To extract most performance, our first consumer should spawn 2 threads to be able to process these 2 messages in parallel. As soon as one of the 2 messages is processed, the first consumer receives another message (so that at any moment, the number of messages in RAM are at most 2 for this consumer), and the idle thread should pick it up (instead of creating a new thread for each new message) -- ensuring that the number of threads always remain 2, picking up new messages as soon as they are done with previous ones.
Conclusion: Essentially, the consumer for RabbitMQ also implements the
competing consumers pattern (where threads are waiting on messages to arrive) but at the OS level
i.e. threads are the consumers for the RabbitMQ's consumer's internal queue which stores N number of messages in RAM, determined by the prefetch count.
While this article gives a great overview about the topic, a simple analogy can also help:
- Assuming we want to give a 1000 bucks to a friend (/broker), 100 notes of 10 bucks each. Each note is a message.

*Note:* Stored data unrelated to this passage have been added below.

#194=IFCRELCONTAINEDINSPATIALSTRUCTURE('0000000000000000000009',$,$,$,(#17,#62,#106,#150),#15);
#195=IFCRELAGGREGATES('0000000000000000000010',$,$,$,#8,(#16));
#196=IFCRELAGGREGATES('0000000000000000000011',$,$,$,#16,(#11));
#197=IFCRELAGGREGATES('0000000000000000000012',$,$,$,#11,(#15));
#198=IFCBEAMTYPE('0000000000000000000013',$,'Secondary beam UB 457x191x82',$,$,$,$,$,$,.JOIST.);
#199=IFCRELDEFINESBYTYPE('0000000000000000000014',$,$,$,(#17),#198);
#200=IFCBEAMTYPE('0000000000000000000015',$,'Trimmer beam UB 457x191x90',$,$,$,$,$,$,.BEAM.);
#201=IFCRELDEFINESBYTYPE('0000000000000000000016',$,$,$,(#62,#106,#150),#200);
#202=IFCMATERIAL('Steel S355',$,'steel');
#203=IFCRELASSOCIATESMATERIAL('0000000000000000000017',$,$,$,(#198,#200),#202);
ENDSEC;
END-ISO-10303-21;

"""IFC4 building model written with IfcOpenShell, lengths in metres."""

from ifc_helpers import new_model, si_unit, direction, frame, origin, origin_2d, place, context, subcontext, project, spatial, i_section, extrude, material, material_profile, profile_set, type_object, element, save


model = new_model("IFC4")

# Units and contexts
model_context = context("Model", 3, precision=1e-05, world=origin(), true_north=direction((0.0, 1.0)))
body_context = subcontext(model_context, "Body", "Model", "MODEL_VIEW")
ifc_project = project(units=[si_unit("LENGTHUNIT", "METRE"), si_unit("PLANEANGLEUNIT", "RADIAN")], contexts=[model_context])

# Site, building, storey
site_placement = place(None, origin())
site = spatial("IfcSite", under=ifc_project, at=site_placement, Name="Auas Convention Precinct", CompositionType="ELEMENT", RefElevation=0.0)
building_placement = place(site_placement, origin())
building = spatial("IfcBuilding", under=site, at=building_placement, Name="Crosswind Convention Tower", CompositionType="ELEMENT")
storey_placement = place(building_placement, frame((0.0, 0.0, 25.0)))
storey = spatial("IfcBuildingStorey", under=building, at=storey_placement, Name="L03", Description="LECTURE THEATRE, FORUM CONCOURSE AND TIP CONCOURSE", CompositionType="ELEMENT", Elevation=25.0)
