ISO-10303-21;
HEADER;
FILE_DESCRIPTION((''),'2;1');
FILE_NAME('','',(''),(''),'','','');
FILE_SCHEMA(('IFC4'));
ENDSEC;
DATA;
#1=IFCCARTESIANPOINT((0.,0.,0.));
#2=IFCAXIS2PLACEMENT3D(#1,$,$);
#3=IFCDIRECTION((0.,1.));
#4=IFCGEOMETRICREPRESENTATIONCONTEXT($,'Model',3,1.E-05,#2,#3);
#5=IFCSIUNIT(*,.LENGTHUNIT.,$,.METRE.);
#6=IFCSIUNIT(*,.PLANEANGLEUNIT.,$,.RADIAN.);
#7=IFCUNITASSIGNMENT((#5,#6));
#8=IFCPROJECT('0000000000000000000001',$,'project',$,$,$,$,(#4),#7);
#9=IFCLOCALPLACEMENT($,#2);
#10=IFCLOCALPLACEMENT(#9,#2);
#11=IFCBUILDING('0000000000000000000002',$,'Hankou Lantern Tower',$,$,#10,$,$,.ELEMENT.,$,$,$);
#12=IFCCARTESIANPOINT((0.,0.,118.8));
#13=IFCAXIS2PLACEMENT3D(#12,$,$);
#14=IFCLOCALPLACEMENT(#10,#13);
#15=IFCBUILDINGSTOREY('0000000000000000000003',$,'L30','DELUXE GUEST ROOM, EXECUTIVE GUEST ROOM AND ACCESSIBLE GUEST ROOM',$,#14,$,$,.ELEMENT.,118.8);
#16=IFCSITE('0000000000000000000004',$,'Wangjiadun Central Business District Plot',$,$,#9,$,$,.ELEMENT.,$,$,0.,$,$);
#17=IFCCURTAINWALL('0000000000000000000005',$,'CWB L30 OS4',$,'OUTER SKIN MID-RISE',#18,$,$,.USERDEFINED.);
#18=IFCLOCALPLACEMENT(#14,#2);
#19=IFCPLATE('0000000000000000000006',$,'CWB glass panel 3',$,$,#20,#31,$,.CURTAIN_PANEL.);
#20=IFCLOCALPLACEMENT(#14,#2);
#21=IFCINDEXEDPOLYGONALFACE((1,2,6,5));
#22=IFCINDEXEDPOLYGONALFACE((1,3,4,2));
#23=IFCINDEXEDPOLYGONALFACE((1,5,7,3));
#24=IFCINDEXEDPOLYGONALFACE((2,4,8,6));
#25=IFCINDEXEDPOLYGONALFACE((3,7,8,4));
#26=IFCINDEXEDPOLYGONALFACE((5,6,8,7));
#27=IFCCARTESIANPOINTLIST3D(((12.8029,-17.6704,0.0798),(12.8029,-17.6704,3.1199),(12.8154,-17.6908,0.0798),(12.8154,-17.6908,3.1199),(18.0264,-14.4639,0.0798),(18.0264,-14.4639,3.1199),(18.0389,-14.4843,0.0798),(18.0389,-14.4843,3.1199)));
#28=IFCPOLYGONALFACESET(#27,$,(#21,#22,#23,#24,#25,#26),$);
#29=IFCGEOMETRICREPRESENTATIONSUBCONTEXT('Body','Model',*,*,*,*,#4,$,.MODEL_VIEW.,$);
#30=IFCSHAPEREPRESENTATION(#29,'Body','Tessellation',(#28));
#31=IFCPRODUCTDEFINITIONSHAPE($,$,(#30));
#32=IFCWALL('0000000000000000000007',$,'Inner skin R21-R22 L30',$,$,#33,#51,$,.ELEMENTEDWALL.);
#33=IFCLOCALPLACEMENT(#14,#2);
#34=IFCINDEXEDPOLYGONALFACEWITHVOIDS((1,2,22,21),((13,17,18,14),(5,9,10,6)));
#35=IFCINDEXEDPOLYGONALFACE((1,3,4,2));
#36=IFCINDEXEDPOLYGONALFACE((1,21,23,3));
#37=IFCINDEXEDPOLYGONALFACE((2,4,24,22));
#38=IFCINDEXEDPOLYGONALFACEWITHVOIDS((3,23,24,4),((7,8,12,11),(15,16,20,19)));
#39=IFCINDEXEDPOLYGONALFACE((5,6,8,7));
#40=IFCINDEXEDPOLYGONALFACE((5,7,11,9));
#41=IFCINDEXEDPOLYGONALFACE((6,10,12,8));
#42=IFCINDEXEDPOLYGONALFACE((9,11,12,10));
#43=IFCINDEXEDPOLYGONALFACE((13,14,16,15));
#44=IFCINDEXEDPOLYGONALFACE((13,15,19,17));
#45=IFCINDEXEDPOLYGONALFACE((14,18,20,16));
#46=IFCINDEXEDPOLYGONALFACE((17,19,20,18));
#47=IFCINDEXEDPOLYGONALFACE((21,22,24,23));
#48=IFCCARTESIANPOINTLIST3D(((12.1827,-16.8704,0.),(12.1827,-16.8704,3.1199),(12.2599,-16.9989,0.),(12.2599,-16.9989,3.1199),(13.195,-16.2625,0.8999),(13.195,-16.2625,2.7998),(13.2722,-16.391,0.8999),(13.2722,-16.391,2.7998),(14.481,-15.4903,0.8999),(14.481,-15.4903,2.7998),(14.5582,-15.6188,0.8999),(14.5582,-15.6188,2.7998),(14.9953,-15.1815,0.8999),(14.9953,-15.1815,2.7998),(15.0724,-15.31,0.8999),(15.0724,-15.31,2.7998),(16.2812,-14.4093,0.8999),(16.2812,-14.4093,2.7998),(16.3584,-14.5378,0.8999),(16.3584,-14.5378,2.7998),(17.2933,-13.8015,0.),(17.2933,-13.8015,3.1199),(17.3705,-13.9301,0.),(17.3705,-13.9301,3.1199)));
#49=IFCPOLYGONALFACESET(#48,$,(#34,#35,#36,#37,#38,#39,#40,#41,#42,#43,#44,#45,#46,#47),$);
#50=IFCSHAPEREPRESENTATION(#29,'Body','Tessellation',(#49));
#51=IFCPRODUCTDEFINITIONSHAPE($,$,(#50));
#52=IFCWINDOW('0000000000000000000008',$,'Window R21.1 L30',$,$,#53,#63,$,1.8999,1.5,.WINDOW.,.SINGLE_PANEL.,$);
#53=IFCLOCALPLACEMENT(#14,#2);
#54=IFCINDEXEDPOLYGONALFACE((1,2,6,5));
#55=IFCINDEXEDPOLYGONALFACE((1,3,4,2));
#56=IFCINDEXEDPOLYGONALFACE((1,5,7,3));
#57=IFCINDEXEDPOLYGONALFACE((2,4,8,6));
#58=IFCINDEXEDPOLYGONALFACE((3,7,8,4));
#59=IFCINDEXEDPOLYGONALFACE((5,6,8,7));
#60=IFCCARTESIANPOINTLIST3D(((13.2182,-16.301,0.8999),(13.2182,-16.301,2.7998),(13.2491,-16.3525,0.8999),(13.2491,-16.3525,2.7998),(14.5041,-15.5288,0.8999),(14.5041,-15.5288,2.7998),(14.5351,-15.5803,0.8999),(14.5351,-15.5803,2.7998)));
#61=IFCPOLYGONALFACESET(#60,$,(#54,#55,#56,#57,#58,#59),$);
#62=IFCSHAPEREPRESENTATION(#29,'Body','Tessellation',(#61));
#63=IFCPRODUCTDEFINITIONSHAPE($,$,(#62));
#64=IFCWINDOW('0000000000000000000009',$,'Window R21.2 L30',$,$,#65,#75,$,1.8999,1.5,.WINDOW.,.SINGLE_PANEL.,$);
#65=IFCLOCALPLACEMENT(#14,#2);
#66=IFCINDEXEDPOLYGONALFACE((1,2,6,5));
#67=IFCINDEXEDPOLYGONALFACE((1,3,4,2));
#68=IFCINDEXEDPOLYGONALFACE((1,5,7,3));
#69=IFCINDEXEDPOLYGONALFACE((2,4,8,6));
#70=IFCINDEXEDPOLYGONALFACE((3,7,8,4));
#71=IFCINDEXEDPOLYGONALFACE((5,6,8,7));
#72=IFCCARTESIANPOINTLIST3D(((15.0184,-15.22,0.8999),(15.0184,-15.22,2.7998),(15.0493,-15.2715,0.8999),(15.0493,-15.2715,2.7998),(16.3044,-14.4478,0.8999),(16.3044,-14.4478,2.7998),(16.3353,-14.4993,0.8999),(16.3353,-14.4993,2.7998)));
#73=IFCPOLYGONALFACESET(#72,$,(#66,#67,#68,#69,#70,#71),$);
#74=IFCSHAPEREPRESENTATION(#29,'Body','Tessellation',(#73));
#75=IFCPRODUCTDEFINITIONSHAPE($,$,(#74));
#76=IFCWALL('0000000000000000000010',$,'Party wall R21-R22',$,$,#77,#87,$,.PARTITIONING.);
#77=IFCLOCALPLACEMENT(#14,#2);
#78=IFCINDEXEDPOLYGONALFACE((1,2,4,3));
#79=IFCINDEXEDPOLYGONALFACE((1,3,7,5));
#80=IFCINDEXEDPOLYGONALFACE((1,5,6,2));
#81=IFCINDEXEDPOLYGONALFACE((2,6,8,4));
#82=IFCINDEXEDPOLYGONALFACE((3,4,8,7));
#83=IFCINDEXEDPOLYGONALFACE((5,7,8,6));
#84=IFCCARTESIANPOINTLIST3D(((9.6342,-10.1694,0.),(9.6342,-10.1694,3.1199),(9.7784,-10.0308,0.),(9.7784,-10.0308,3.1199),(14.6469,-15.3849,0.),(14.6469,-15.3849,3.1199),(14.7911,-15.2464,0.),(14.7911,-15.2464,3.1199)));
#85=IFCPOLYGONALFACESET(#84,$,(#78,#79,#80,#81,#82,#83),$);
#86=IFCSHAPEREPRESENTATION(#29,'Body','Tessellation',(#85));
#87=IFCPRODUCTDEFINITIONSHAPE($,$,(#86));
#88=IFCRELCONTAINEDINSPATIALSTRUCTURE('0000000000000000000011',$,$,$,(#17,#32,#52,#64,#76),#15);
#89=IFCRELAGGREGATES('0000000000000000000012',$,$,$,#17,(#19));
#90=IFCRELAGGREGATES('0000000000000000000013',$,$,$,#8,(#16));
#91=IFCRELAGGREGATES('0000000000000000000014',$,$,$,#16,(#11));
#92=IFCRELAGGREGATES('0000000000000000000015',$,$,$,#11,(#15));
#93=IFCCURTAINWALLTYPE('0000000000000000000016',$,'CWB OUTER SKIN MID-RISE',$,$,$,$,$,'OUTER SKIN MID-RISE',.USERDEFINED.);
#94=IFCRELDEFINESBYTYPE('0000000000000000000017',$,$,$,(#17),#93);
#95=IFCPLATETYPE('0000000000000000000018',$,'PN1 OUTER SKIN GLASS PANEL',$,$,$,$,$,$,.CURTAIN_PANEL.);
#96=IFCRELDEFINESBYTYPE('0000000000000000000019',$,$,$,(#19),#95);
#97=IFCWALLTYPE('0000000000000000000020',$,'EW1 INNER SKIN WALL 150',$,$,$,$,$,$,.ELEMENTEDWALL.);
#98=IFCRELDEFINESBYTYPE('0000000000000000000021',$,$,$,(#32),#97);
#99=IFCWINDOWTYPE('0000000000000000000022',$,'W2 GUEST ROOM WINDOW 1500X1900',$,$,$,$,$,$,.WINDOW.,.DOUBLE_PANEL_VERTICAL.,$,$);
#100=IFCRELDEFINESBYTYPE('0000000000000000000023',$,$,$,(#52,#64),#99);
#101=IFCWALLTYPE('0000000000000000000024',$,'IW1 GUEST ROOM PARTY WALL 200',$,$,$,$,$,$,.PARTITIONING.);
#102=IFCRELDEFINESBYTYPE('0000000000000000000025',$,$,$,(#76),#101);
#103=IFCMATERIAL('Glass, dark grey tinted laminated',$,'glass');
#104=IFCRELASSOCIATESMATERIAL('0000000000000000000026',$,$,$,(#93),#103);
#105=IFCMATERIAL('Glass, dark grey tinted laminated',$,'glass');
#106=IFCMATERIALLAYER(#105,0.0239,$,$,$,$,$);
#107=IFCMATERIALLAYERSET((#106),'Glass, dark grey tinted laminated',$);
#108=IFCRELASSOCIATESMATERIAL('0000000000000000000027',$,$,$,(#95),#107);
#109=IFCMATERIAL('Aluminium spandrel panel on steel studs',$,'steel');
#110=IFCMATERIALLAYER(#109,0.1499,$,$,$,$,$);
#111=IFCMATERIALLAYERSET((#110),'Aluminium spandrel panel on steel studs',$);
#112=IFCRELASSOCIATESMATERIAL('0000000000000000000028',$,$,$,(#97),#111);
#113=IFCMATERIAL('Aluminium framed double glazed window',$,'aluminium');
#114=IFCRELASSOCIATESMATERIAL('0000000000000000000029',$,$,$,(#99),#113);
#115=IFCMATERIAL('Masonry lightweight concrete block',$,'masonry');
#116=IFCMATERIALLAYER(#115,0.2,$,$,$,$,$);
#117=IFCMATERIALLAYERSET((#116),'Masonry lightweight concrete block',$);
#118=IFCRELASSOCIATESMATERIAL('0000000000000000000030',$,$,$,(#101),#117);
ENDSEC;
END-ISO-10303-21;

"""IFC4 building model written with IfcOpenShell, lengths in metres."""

from ifc_helpers import new_model, si_unit, direction, frame, frame_2d, origin, origin_2d, place, context, subcontext, project, spatial, rectangle, extrude, material, layer, layer_set, type_object, element, fill, aggregate, save


model = new_model("IFC4")

# Units and contexts
model_context = context("Model", 3, precision=1e-05, world=origin(), true_north=direction((0.0, 1.0)))
body_context = subcontext(model_context, "Body", "Model", "MODEL_VIEW")
ifc_project = project(units=[si_unit("LENGTHUNIT", "METRE"), si_unit("PLANEANGLEUNIT", "RADIAN")], contexts=[model_context])

# Site, building, storey
site_placement = place(None, origin())
site = spatial("IfcSite", under=ifc_project, at=site_placement, Name="Wangjiadun Central Business District Plot", CompositionType="ELEMENT", RefElevation=0.0)
building_placement = place(site_placement, origin())
building = spatial("IfcBuilding", under=site, at=building_placement, Name="Hankou Lantern Tower", CompositionType="ELEMENT")
storey_placement = place(building_placement, frame((0.0, 0.0, 118.8)))
storey = spatial("IfcBuildingStorey", under=building, at=storey_placement, Name="L30", Description="DELUXE GUEST ROOM, EXECUTIVE GUEST ROOM AND ACCESSIBLE GUEST ROOM", CompositionType="ELEMENT", Elevation=118.8)

# Curtain wall
ifc_material_1 = material(Name="Glass, dark grey tinted laminated", Category="glass")
curtain_wall_type = type_object("IfcCurtainWallType", Name="CWB OUTER SKIN MID-RISE", ElementType="OUTER SKIN MID-RISE", PredefinedType="USERDEFINED", material=ifc_material_1)
curtain_wall_placement = place(storey_placement, origin())
curtain_wall = element("IfcCurtainWall", 1, at=curtain_wall_placement, inside=storey, type_object=curtain_wall_type, Name="CWB L30 OS4", ObjectType="OUTER SKIN MID-RISE", PredefinedType="USERDEFINED")

# Plate
ifc_material_2 = material(Name="Glass, dark grey tinted laminated", Category="glass")
ifc_layer_1 = layer(ifc_material_2, 0.0239)
ifc_layer_set_1 = layer_set([ifc_layer_1], Name="Glass, dark grey tinted laminated")
plate_type = type_object("IfcPlateType", Name="PN1 OUTER SKIN GLASS PANEL", PredefinedType="CURTAIN_PANEL", material=ifc_layer_set_1)
plate_placement = place(storey_placement, frame((15.4209, -16.0774, 0.0798), z_axis=(0.0, 0.0, 1.0), x_axis=(0.852237, 0.523156, 0.0)))
plate = element("IfcPlate", 2, at=plate_placement, type_object=plate_type, Name="CWB glass panel 3", PredefinedType="CURTAIN_PANEL", context=body_context, shape_type="SweptSolid", body=[
    extrude(rectangle(XDim=6.1292, YDim=0.0239, at=origin_2d()), origin(), (0.0, 0.0, 1.0), 3.04),
])
aggregate(curtain_wall, [plate])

- We can give 1 note, wait for our friend to confirm that he received it, and only then we are allowed to give him another note, waiting again for his confirmation for the 2nd note and so on... This is the synchronous approach and can get slower if the distance between us and our friend is large (imagine doing this process when the friend lives in another country!). Thus, synchronous publisher confirmations can get very slow in high network latency scenarios, but are also robust since we guarantee that each message that was sent has been received by the broker before another one can be sent.
- For the other approach, we can give all 100 notes at once to our friend, and it is upto the friend to give confirmations for the notes -- which he can either give for each note, or in batches or a mix of both. An example can be confirming that he received the first 70 notes, then 1 note, then 1 note, then 25 notes, then 2 notes and then 1 last note i.e. giving 6 confirmations for a total of 100 notes. The only problem is, we don't know when these confirmations will arrive, thus the term asynchronous.
The library has both kinds of publishers and extends help with callbacks if one wishes to use the asynchronous publisher while taking care of solving some timing issues (should be more clear in the above example of when a consumer is also a publisher).